Current at: 04 November 2009
Building approvals are pointing to a moderate rather than strong recovery in new home building said the Housing Industry Association, Australia’s largest building industry organisation.
HIA Chief Economist, Dr Harley Dale said that the number of building approvals in the September 2009 quarter confirmed that a recovery in new home building was underway, but the scale of the recovery looked insufficient to address the shortage of new housing stock.
“It is encouraging to see clear signs of a lift in new home building. However, supply side constraints including bottlenecks in the building approvals process, and a lack of breadth to the recovery are preventing new construction from growing at the rate required to satisfy a rapidly growing population.
Detached house approvals were flat in the month of September, a disappointing result, but increased by 8.1 per cent over the quarter. The number of multi-unit approvals increased by 11.8 per cent in the month of September to be up by 17.5 per cent over the quarter.

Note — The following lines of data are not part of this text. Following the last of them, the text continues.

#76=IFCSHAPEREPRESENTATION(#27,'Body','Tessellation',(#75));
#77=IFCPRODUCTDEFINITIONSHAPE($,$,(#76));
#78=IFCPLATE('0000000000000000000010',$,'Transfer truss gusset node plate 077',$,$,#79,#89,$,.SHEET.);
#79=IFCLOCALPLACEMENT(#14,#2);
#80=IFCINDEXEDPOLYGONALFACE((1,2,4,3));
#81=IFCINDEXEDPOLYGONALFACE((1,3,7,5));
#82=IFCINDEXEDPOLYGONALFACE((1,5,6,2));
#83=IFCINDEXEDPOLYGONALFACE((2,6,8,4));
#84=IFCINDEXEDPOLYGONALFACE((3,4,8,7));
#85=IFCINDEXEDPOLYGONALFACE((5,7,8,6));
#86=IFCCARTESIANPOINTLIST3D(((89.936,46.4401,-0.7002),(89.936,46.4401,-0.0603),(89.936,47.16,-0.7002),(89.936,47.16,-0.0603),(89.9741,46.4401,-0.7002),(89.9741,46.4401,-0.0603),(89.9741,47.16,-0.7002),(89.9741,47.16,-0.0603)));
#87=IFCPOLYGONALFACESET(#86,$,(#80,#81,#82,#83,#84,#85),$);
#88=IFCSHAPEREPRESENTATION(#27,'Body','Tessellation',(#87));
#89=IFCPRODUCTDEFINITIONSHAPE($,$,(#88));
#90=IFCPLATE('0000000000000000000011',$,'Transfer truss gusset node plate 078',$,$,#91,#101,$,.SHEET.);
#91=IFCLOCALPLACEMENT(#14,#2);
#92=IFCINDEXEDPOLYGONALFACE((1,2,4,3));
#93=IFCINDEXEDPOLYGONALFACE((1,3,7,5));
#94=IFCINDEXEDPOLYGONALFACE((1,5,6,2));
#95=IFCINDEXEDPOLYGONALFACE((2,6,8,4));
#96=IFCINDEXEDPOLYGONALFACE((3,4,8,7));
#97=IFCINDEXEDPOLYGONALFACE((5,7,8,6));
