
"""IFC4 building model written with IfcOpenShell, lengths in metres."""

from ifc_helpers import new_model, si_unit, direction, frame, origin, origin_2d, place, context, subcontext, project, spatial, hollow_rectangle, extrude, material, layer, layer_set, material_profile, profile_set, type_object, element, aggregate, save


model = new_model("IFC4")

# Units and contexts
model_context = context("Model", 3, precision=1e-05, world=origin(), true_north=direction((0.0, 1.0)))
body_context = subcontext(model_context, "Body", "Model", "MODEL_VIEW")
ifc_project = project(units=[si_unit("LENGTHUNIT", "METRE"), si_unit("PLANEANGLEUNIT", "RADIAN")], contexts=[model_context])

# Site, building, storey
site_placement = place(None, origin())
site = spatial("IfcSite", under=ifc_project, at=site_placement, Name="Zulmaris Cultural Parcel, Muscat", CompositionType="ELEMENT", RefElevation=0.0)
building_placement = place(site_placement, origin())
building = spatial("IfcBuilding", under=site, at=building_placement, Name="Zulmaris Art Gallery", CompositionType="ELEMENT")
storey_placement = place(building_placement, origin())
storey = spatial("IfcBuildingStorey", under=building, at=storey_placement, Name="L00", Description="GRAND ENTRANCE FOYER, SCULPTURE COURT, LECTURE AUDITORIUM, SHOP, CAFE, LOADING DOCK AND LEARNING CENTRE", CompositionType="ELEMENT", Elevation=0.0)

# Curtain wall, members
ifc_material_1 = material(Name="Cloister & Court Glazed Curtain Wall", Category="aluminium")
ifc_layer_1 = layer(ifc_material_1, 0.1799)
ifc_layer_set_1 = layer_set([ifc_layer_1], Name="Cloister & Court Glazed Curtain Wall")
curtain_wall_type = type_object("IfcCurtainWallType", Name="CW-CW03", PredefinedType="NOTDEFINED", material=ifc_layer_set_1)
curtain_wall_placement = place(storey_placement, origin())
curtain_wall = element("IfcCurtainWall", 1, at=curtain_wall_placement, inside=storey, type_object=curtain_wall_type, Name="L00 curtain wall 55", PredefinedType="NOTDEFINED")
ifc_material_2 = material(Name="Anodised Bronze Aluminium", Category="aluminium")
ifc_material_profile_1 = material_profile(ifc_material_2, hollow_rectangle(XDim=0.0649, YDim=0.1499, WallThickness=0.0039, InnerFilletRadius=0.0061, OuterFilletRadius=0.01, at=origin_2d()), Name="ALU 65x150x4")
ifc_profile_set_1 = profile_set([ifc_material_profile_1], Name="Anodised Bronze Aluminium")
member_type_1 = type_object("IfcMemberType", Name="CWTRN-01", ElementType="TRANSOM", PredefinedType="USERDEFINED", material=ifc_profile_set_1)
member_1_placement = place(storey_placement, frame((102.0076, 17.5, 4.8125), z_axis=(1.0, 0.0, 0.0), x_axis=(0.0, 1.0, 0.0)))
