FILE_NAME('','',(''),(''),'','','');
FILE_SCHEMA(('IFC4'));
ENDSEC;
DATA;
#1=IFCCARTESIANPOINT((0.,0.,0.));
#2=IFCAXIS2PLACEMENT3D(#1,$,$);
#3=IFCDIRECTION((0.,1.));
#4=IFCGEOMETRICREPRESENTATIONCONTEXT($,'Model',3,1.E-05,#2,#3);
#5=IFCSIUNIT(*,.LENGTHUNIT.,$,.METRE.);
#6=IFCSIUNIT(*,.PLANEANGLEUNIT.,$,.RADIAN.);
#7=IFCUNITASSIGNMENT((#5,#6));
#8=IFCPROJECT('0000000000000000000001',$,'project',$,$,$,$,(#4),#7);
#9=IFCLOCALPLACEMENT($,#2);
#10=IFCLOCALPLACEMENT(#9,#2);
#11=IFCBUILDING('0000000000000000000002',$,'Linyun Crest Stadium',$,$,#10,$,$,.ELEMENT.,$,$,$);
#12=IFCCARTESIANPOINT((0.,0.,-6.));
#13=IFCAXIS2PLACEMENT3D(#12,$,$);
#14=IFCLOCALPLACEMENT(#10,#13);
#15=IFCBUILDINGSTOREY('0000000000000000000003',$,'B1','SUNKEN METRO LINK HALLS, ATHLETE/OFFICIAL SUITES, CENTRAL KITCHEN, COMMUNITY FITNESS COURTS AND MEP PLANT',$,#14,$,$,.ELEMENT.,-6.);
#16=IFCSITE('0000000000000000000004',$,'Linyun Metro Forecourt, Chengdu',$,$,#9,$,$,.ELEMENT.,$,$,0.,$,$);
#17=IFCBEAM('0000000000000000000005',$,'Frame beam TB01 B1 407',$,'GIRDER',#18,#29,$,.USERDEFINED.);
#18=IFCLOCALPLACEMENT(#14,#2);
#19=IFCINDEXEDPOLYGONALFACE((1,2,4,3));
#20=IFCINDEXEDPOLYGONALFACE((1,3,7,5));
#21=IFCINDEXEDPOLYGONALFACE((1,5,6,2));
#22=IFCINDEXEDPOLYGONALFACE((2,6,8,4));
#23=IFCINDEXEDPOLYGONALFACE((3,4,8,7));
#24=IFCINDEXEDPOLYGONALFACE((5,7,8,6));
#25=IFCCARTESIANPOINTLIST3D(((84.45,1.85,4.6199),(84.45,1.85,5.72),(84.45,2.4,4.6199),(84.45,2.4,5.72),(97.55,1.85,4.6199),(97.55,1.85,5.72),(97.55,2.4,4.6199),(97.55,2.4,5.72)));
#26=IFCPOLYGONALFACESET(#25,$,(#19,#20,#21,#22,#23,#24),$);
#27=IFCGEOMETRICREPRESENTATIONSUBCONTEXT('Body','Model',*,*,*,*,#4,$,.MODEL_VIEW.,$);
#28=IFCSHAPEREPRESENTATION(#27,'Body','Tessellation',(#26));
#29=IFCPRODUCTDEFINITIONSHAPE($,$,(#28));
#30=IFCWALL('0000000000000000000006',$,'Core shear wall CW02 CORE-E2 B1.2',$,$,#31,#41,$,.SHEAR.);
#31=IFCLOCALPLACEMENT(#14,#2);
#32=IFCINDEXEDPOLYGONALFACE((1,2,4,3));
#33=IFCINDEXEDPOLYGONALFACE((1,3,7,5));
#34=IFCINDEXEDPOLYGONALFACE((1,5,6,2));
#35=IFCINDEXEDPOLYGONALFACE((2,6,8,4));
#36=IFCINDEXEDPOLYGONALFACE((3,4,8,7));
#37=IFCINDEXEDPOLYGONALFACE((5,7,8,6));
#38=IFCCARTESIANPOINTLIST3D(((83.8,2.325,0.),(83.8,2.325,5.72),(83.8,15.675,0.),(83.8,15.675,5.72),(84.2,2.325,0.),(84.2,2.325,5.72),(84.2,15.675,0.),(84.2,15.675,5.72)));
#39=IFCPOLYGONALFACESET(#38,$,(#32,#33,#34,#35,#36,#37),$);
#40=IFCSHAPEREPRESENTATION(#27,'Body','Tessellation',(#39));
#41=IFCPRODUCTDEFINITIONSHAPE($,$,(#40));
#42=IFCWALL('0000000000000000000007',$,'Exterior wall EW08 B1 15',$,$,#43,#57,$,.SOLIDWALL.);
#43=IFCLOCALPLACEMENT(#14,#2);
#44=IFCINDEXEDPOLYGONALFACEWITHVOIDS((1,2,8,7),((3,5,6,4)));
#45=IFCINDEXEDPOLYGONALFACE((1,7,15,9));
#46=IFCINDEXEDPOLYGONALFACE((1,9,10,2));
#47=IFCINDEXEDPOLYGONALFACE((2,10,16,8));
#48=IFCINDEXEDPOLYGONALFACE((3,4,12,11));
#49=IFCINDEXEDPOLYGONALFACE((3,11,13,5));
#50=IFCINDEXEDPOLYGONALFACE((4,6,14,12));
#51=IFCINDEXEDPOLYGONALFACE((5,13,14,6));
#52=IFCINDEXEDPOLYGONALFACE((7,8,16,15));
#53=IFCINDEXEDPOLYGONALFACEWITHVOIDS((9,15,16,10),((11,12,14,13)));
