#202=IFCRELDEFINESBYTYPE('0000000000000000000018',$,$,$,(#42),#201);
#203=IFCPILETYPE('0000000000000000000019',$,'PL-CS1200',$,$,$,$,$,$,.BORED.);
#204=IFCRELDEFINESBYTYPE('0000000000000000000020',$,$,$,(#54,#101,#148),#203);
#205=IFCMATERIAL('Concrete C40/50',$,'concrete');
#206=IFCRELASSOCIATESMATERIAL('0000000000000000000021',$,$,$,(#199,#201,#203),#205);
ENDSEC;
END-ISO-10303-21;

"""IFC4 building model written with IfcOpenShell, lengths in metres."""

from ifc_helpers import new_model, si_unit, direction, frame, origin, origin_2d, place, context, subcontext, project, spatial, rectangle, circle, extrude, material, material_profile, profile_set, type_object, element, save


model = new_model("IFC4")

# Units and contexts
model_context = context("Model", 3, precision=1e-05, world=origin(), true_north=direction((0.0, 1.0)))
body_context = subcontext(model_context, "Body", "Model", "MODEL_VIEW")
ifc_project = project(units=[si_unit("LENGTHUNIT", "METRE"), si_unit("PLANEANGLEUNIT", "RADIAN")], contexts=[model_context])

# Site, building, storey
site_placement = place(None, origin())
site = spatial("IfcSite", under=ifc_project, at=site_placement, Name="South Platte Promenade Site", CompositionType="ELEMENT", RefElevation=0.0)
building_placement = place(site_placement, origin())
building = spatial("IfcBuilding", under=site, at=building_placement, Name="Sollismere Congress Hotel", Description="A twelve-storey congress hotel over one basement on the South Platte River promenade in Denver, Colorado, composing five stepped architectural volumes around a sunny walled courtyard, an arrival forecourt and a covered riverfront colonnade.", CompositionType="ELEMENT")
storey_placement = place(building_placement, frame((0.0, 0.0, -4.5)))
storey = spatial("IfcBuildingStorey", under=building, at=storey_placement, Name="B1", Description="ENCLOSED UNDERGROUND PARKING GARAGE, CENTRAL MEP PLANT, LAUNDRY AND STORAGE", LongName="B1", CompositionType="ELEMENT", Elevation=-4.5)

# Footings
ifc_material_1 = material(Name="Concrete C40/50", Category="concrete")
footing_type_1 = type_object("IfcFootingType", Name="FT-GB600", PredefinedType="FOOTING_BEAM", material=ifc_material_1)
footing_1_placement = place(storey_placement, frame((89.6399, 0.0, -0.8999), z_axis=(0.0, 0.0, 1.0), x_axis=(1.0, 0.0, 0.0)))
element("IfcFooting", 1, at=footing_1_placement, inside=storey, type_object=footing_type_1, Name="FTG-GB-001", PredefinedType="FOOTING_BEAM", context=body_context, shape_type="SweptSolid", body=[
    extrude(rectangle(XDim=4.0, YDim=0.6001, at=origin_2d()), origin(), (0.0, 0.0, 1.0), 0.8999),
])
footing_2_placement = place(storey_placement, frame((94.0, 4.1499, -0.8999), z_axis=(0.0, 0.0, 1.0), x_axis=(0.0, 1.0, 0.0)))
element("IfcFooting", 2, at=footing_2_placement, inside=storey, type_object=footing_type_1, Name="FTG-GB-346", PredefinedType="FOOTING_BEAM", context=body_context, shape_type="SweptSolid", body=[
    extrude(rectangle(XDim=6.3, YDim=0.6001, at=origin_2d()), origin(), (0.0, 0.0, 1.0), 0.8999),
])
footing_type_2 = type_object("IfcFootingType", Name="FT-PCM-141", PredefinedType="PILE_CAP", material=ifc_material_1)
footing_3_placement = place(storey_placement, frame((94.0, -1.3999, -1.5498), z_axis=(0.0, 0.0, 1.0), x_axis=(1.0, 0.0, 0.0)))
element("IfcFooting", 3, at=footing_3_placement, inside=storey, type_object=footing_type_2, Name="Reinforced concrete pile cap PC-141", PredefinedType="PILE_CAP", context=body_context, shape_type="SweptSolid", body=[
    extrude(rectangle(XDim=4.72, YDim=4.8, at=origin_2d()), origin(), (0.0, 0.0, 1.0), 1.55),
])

“The positive impact of very low mortgage rates and the First Home Owner Boost drove the increase in detached house approvals over the September 2009 quarter, while the Federal Government’s Social Housing Initiative played a role in lifting multi-unit approvals.
“It remains unclear, however, whether trade-up buyers are re-entering the new home market in sufficient numbers to fill the breach left by waning first time buyer demand, while private residential investment in new homes is still extremely weak.
“The lack of a broad recovery in new housing is a concern, as are planning delays and re-emerging land shortages which form part of a number of supply side obstacles preventing a rapid increase in new housing stock.
“A renewed focus on removing supply side constraints is essential to reducing tight pressure on rental markets and preventing an unnecessary deterioration in housing affordability,” Harley Dale said.
The number of seasonally adjusted residential dwelling approvals increased in September by 5.1 per cent in Victoria, 5.9 per cent in Western Australia, and 3.4 per cent in Tasmania. Dwelling approvals fell by 1.9 per cent in New South Wales, 1.4 per cent in Queensland, and 3.9 per cent in South Australia. The trend number of approvals fell by 2 per cent in the Northern Territory but was up by 1.2 per cent in the Australian Capital Territory.